Here’s a taste of some of the other campaigns in the regions:

  • The Northern Echo, Darlington: “A Chance to Live” aims to slash growing hospital waiting times for seriously-ill heart patients. The campaign was launched after the death of Ian Weir, deputy chief photographer at the paper. The Echo’s “Criminal Injustice” campaign calls for more Government support for the families of murder and manslaughter victims.
  • The Sentinel, Stoke: The paper’s campaign for cash to build a children’s hospice resulted in a developer offering to do the £2m work for free.
  • Brighton Evening Argus: “Justice for Jeff”, seeking tougher penalties for drivers who kill, was launched after the death of PC Jeff Tooley, mown down by a van he was attempting to stop during a routine speed check. The paper claimed success after a Home Office minister hinted at tougher penalties and a new charge of causing death by careless driving.
  • Aberdeen Evening Express: “Save Our Swings” was launched after Aberdeenshire Council proposed scrapping 150 play areas over five years to cut costs. Special car stickers were produced to promote another campaign, “Protect Our Kids”, aiming to banish speeders and slash road accident rates.
  • Yorkshire Evening Post: “Healthy Bones 2000 Scanner Appeal” was launched last October and by January had resulted in a £60,000 children’s bone scanner being handed over to Leeds General Infirmary. The paper promptly launched another appeal, for a £200,000 ultrasound heart scanner.
  • Herald Express, Torquay: The paper is pressing for a road bridge over the troubled A380 to end what it calls the stop-start misery endured by 36,000 motorists a day.
  • Several papers have launched campaigns to save local post offices threatened by Government plans to pay all benefits and pensions directly into bank accounts. The Western Morning News, Plymouth, has carried a series of reports highlighting the threat to rural areas and has won support from actor Edward Woodward, who lives in the area. Liked the WMN, the East Anglian Daily Times launched a protest petition and more than 30,000 people registered their support in the first week.

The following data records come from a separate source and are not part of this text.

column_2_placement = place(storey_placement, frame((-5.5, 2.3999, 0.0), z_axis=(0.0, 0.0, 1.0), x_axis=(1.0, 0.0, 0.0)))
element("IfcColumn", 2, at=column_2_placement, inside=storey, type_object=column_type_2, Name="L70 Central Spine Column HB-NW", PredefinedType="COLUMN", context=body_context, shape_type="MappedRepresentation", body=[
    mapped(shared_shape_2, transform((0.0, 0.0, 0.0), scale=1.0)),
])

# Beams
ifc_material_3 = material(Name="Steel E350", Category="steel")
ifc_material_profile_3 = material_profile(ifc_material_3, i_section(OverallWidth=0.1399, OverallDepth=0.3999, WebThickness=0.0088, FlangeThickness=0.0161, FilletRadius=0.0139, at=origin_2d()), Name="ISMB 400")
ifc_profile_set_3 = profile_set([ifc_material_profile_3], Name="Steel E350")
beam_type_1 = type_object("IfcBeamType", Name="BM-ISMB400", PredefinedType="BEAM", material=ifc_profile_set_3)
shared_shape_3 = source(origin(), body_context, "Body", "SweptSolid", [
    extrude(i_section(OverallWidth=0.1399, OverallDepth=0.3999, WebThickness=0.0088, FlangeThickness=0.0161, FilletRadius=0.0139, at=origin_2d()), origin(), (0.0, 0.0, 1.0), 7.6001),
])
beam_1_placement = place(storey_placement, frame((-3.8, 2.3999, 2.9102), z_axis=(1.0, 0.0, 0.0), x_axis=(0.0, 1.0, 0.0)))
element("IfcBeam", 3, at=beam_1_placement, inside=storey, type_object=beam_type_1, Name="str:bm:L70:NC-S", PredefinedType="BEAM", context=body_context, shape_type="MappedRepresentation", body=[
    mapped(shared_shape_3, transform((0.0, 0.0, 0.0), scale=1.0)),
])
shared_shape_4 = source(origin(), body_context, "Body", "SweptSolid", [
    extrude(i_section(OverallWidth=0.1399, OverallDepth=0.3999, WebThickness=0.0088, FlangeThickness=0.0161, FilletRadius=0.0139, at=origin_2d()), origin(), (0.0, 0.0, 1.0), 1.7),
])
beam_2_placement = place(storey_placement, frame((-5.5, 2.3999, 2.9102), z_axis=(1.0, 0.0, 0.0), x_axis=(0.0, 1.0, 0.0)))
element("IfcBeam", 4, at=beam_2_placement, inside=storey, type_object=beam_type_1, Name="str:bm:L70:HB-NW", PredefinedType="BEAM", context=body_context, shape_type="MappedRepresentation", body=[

  • The News, Portsmouth: “A Right to a Local Hospital” attacked the planned closure of the Royal Hospital Haslar, Gosport. “March of the Masts” opposed Orange Personal Communications’ plan for a 49ft mast at a Meon Valley beauty spot.
  • Grimsby Evening Telegraph: The paper has been campaigning since 1997 for cannabis to be legalised under medical supervision. As the Medical Research Council announced that official trials were to begin, the paper featured a 57-year-old multiple sclerosis sufferer said she would jump at the chance to take part.

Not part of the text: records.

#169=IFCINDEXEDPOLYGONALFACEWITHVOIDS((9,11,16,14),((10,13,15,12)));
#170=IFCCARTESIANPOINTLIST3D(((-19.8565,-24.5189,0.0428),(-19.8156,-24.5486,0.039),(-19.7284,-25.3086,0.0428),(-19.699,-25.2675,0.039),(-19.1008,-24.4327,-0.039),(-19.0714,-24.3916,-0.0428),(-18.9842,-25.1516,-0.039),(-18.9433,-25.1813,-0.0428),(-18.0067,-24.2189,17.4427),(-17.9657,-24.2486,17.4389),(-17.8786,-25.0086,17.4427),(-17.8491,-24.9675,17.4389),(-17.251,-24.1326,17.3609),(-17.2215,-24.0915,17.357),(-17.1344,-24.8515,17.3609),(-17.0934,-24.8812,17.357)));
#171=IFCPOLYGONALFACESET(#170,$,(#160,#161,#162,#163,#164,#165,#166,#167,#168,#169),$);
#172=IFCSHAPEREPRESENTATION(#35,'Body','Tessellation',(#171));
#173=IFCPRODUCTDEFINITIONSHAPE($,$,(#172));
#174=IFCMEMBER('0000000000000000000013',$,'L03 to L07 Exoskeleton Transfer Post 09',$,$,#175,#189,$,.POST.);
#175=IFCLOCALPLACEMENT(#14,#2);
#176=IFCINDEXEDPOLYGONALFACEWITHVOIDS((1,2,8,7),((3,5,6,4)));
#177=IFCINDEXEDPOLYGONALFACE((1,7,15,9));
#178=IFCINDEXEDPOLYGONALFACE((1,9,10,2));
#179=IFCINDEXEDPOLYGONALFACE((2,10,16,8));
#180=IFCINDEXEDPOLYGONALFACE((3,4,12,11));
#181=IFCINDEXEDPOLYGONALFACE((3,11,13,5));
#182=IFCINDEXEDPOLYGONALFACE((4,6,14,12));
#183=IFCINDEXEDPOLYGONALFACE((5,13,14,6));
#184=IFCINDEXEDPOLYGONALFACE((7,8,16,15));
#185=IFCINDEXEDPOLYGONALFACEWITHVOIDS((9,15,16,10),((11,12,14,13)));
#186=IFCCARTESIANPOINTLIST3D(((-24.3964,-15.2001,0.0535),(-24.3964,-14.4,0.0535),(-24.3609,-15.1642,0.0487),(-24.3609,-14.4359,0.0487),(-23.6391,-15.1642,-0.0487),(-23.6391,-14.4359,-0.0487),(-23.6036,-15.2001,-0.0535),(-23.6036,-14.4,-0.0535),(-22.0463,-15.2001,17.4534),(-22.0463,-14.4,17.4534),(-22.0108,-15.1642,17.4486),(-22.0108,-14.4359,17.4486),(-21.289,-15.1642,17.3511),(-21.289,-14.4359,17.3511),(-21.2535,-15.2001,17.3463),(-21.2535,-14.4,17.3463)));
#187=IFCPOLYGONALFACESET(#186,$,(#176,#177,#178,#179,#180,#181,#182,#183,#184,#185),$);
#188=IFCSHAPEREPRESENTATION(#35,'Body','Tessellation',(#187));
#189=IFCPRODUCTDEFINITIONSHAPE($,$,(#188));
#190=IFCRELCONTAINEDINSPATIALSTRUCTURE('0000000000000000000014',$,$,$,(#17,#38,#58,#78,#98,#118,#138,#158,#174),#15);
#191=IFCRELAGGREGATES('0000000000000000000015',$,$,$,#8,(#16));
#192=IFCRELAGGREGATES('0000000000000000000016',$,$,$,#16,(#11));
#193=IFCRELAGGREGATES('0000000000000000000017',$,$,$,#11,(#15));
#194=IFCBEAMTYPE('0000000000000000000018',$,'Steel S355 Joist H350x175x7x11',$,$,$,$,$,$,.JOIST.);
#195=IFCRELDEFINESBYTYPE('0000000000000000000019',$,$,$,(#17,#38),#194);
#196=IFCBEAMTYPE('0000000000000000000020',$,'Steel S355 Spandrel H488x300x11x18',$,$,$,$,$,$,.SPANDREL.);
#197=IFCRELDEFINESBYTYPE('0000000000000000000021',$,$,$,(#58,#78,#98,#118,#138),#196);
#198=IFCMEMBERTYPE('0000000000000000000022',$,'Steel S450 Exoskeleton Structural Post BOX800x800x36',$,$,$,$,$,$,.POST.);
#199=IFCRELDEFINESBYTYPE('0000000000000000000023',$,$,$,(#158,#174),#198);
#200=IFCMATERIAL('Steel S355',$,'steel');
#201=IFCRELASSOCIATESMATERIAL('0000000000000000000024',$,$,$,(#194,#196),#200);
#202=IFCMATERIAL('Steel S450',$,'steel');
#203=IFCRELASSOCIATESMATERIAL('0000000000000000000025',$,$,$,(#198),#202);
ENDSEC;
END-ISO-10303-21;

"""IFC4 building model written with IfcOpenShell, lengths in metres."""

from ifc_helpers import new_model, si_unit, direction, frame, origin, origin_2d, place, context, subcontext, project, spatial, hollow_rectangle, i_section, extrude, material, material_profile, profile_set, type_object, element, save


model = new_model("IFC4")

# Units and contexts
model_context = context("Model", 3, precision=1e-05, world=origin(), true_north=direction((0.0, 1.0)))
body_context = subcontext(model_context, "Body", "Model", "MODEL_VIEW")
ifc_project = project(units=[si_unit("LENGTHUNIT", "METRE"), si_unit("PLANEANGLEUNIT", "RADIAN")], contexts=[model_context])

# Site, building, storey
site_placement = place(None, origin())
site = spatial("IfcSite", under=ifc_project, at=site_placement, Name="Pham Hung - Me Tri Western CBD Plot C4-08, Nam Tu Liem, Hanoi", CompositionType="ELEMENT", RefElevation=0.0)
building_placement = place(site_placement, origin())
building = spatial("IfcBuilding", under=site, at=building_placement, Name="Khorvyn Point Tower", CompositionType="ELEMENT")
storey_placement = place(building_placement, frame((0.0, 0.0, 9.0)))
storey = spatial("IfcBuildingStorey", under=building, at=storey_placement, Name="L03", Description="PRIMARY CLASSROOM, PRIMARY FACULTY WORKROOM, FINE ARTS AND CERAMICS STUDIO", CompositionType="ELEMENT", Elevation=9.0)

  • Scarborough Evening News: Working with NCH Action for Children, the paper aims to raise £250,000 for a new resource and respite centre for disabled children in Scarborough. A £25,000 legacy took the fund past £52,000.
  • The Citizen, Gloucester: “Sprinkler Campaign” was launched after a disastrous shop fire in Gloucester in 1996. By end of 1999, it had succeeded in changing UK fire regulations – sprinkler systems will have to be installed in all new single-storey retail stores of more than 2,000 square metres
  • Southend Evening Echo: The paper forced Southend Council’s new cabinet to meet in public. The Kent Messenger Group launched “Your Right to Know” in an effort to persuade Kent County Council to abandon cabinet secrecy.
  • Norwich Evening News: Macmillan Cancer Relief Nurse Appeal smashed its £30,000 target by raising £100,000 in just a year.
  • Coventry Evening Telegraph: Campaign to honour 60 Coventry firefighters killed in World War 2 succeeded after a year when a memorial was unveiled at Coventry Cathedral..
  • Western Morning News: “Fuel The Lifeboats” led to editor Barrie Williams collecting a national award for an unprecedented second time for the paper’s work in supporting the RNLI.
  • Northampton Chronicle & Echo: Since the £1.5 million Macmillan Northamptonshire Cancer Appeal was launched in the paper just over a year ago, more than £526,000 has been raised.
  • Hull Daily Mail: Readers were urged to back the paper’s Save Our Bobbies campaign by filling in a Page 1 coupon under the heading “The last straw, Jack”. Crime reporter Lisa Berry will deliver the coupons to the Home Secretary, urging him to increase police funding and save the jobs of 251 Humberside officers.